【イベント】

ぱそまる'98レポート デジカメ編


山田久美夫のぱそまる'98、デジタルカメラレポート

会場前
会場:東京ビッグサイト 西ホール
開催期間:7月24日~26日

連絡先:「ぱそまる'98」運営事務局
Tel.0120-15-8098



 “家族ではじめるマルチメディア”がテーマの、異色のイベント「ぱそまる98」が東京ビッグサイトで26日まで開催された。このイベントはマルチメディア全体を網羅する内容で、インターネットからデジタルカメラまで、実にさまざまなものが出展されている。もちろん、“家族ではじめる”とうたうだけあって、通常のパソコン系イベントと違って、わかりやすいデモンストレーションを中心とした展開になっている点が大きな特徴といえる。

 今回のイベントでは、デジタルカメラ関係のメーカーは意外に少なく、オリンパス、カシオ、サンヨー、ニコン(IBMブースで出展)という感じ。だが、松下やNEC、IBMなどがデジタルカメラ関連の機器やソフトを出展。さらに、それ以外のブースでも、マルチメディアシステムへの画像入力機器としてデジタルカメラを数多く利用していたのが印象的だった。また、会場内は夏休みということもあって、通常のPC系イベントと違い、子供連れでの来場者が目立っていた。


●オリンパス:パソコンを置かない展示

OLYMPUSブース  オリンパスは今回、先だって発表されたばかりの「Photoエディタ」を中心とした展開。しかも、ブース内にはパソコンが一台もなく、PCレスでデジタルカメラを楽しむという、思い切った展開をしていたのが最大のポイントだ。
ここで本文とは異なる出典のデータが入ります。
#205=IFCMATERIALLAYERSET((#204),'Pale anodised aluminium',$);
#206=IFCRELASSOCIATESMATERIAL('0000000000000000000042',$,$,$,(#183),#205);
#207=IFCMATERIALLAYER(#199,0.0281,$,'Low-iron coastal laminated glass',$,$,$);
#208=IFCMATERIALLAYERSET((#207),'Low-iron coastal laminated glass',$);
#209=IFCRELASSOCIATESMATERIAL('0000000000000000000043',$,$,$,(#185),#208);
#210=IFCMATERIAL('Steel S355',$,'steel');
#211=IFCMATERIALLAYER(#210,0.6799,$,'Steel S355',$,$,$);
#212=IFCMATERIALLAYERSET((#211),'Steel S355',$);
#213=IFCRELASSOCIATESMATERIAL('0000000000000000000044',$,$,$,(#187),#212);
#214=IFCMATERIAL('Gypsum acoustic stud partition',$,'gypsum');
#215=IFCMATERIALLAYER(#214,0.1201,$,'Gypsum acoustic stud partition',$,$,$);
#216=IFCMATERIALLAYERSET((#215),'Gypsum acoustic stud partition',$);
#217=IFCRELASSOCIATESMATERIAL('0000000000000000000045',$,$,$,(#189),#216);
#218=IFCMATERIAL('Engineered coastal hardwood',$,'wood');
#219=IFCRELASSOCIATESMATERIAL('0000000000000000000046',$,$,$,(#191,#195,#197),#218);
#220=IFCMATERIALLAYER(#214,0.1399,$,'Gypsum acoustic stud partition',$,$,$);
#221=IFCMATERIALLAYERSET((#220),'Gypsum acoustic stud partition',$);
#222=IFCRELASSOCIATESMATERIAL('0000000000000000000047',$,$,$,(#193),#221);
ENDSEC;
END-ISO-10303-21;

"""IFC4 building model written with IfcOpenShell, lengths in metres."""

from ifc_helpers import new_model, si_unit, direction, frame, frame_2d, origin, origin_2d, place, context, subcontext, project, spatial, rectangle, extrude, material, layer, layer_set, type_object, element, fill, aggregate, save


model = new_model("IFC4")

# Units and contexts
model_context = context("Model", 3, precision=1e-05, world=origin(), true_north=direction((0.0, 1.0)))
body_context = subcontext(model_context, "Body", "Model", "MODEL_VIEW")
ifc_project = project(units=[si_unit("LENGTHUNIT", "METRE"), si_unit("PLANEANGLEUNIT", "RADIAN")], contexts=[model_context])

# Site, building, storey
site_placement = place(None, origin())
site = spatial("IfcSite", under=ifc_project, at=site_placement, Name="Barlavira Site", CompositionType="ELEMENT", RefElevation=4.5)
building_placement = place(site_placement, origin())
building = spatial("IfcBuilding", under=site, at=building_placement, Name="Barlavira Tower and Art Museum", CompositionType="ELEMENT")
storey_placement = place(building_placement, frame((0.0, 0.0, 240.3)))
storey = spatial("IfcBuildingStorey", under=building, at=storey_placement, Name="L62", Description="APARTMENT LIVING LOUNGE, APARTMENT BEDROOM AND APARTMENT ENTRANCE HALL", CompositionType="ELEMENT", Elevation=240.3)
 小柄なブースではあったが、「C-840L」や「C-1400L」はもちろん、話題の「アイトレック」なども展示されており、デジタル映像のリーディングカンパニーというイメージを強調していた。


CAMEDIA VS100MO PCレスデジカメシステム アイトレック
MOドライブがセットになったVS100MO
PCを使用せずに画像の保存や印刷を行なうデモ
フェイスマウントディスプレイ「アイトレック」


□オリンパスのホームページ
http://www.olympus.co.jp/


●カシオ:記念撮影に人気

 カシオは、今回も「QV-5000SX」や「QV-770」を中心に、動画も撮れる製品を強くアピール。しかし、ブースでの一番人気はやはり記念撮影コーナーで、QVを使って撮影し、その場でカレンダーを作ってくれるというもの。来場者も普通のPC系イベントでは見かけないような、乳母車を引いた家族づれが目立ち、記念撮影の行列に加わっていた。
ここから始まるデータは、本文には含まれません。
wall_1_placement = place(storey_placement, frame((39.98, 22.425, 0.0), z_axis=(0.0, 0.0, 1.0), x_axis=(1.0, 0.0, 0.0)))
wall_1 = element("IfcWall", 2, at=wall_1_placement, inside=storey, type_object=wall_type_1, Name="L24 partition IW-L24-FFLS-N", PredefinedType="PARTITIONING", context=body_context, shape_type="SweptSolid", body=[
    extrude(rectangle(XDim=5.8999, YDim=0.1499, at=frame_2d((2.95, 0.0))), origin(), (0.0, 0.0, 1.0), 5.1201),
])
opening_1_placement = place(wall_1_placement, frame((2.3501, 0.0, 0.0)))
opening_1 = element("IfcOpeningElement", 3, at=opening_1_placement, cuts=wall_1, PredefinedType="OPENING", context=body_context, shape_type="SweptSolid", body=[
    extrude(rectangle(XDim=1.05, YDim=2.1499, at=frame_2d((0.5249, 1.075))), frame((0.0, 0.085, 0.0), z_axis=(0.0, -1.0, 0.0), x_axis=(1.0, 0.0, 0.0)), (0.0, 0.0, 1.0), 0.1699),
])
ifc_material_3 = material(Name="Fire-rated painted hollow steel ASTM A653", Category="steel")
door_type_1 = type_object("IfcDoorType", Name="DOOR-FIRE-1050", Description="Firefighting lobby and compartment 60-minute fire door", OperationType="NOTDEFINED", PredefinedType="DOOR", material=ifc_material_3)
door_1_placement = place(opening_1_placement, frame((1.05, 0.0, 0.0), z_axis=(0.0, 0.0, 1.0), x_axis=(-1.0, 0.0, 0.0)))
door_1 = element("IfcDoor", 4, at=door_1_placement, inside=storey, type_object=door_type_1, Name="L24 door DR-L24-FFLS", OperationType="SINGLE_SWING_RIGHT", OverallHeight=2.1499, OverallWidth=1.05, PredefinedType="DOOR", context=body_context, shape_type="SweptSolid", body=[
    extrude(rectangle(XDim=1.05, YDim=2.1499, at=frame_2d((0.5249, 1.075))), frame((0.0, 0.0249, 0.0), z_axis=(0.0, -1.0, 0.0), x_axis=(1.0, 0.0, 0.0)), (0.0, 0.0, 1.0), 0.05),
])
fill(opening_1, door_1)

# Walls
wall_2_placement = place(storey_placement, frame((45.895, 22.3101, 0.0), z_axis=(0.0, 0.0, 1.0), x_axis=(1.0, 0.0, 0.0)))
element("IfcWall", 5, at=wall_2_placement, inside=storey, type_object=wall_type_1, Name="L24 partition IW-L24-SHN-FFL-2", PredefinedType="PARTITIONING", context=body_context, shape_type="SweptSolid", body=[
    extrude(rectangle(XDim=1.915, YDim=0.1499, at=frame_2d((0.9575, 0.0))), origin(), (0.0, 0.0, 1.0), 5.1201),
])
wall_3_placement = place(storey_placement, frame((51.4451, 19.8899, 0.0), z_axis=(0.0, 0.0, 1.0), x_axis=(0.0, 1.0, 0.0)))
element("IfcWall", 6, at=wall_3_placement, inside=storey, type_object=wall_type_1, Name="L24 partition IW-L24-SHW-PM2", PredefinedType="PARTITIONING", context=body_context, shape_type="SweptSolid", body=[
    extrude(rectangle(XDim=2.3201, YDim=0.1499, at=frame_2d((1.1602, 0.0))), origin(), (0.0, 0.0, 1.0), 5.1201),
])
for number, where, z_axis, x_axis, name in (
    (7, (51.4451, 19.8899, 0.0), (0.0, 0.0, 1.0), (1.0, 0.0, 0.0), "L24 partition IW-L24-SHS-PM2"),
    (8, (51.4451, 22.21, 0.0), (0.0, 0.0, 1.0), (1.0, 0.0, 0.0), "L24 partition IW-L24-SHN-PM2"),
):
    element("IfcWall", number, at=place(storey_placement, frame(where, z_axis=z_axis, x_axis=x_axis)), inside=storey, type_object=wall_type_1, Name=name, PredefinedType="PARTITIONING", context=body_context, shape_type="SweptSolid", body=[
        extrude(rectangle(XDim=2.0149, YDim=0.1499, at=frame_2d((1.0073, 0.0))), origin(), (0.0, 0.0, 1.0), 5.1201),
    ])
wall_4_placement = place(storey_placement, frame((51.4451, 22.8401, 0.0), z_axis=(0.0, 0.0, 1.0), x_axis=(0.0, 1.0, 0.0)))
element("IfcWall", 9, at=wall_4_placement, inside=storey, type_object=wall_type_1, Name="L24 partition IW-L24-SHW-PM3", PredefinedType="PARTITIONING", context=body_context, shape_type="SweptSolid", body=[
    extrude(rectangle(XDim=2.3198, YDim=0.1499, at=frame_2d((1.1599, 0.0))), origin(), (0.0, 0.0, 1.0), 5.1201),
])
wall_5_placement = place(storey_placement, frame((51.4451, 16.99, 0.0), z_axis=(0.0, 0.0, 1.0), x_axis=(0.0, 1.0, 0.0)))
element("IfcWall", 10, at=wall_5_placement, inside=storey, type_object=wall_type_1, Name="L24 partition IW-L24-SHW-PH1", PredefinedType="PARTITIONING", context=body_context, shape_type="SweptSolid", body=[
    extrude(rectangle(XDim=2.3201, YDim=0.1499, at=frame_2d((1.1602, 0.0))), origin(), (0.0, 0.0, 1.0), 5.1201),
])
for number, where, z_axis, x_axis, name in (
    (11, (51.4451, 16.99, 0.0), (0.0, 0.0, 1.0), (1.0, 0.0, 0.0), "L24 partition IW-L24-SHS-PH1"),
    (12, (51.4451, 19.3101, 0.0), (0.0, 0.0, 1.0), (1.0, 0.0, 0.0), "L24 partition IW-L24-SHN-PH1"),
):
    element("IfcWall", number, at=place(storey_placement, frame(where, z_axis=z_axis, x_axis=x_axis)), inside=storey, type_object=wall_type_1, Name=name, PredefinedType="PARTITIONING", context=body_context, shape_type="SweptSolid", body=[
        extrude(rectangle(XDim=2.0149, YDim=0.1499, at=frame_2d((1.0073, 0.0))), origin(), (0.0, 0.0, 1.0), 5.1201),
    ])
 今回は、マルチメディアがメインテーマだけに、モバイル系の出展がなかったのはちょっと残念だった。

カシオブース 動画もとれる製品 記念撮影コーナー
カシオのブース
動画をとれる製品をアピール
QVの画像から作成したカレンダー


□カシオのホームページ
http://www.casio.co.jp/


●サンヨー:DSC-V100の軽快さに注目

 サンヨーは、話題の高速VGAモデル「マルチーズ DSC-V100」を中心に、デジタルカメラ一色のブース展開。

 「DSCーV100」は、その高速記録による軽快さと同時に、音声付きで動画が撮影できる点をアピール。来場者の反応もなかなかいいようだったが、動画記録よりも軽快さに注目が集まっていた。

 また、他社と同じくプリントアウトによるデモも行なっていたが、こちらは81万画素の「DSC-X1」がメイン。やはり同社もそろそろ、DSC-V100の高画素版か、メガピクセル機をラインナップして欲しいところだ。

サンヨーブース 記念撮影コーナー
サンヨーのブース
音声付きで動画を撮れるDSC-V100


□サンヨーのホームページ
http://www.sanyo.co.jp/


●ニコン:IBMブースでCOOLPIXを展示

 日本IBMの総合画像処理ソフト「デジカメの達人」の関係か、日本IBMブース内で出展していたニコン。今回は「COOLPIX900」や「COOLPIX600」と、306dpiの昇華型プリンターを組みあわせて、PC入力+ホームプリントといった展開を図っていた。

デジカメの達人 記念撮影コーナー
総合画像処理ソフト「デジカメの達人」
COOLPIX900


□ニコンのホームページ
http://www.nikon.co.jp/


●松下電器:306dpiの新プリンタ

 松下電器はDVDを中心とした展示だったが、デジタルカメラも出展されており、先だって発売されたばかりの306dpiのA6版昇華型プリンタと組み合わせてデモを行なっていた。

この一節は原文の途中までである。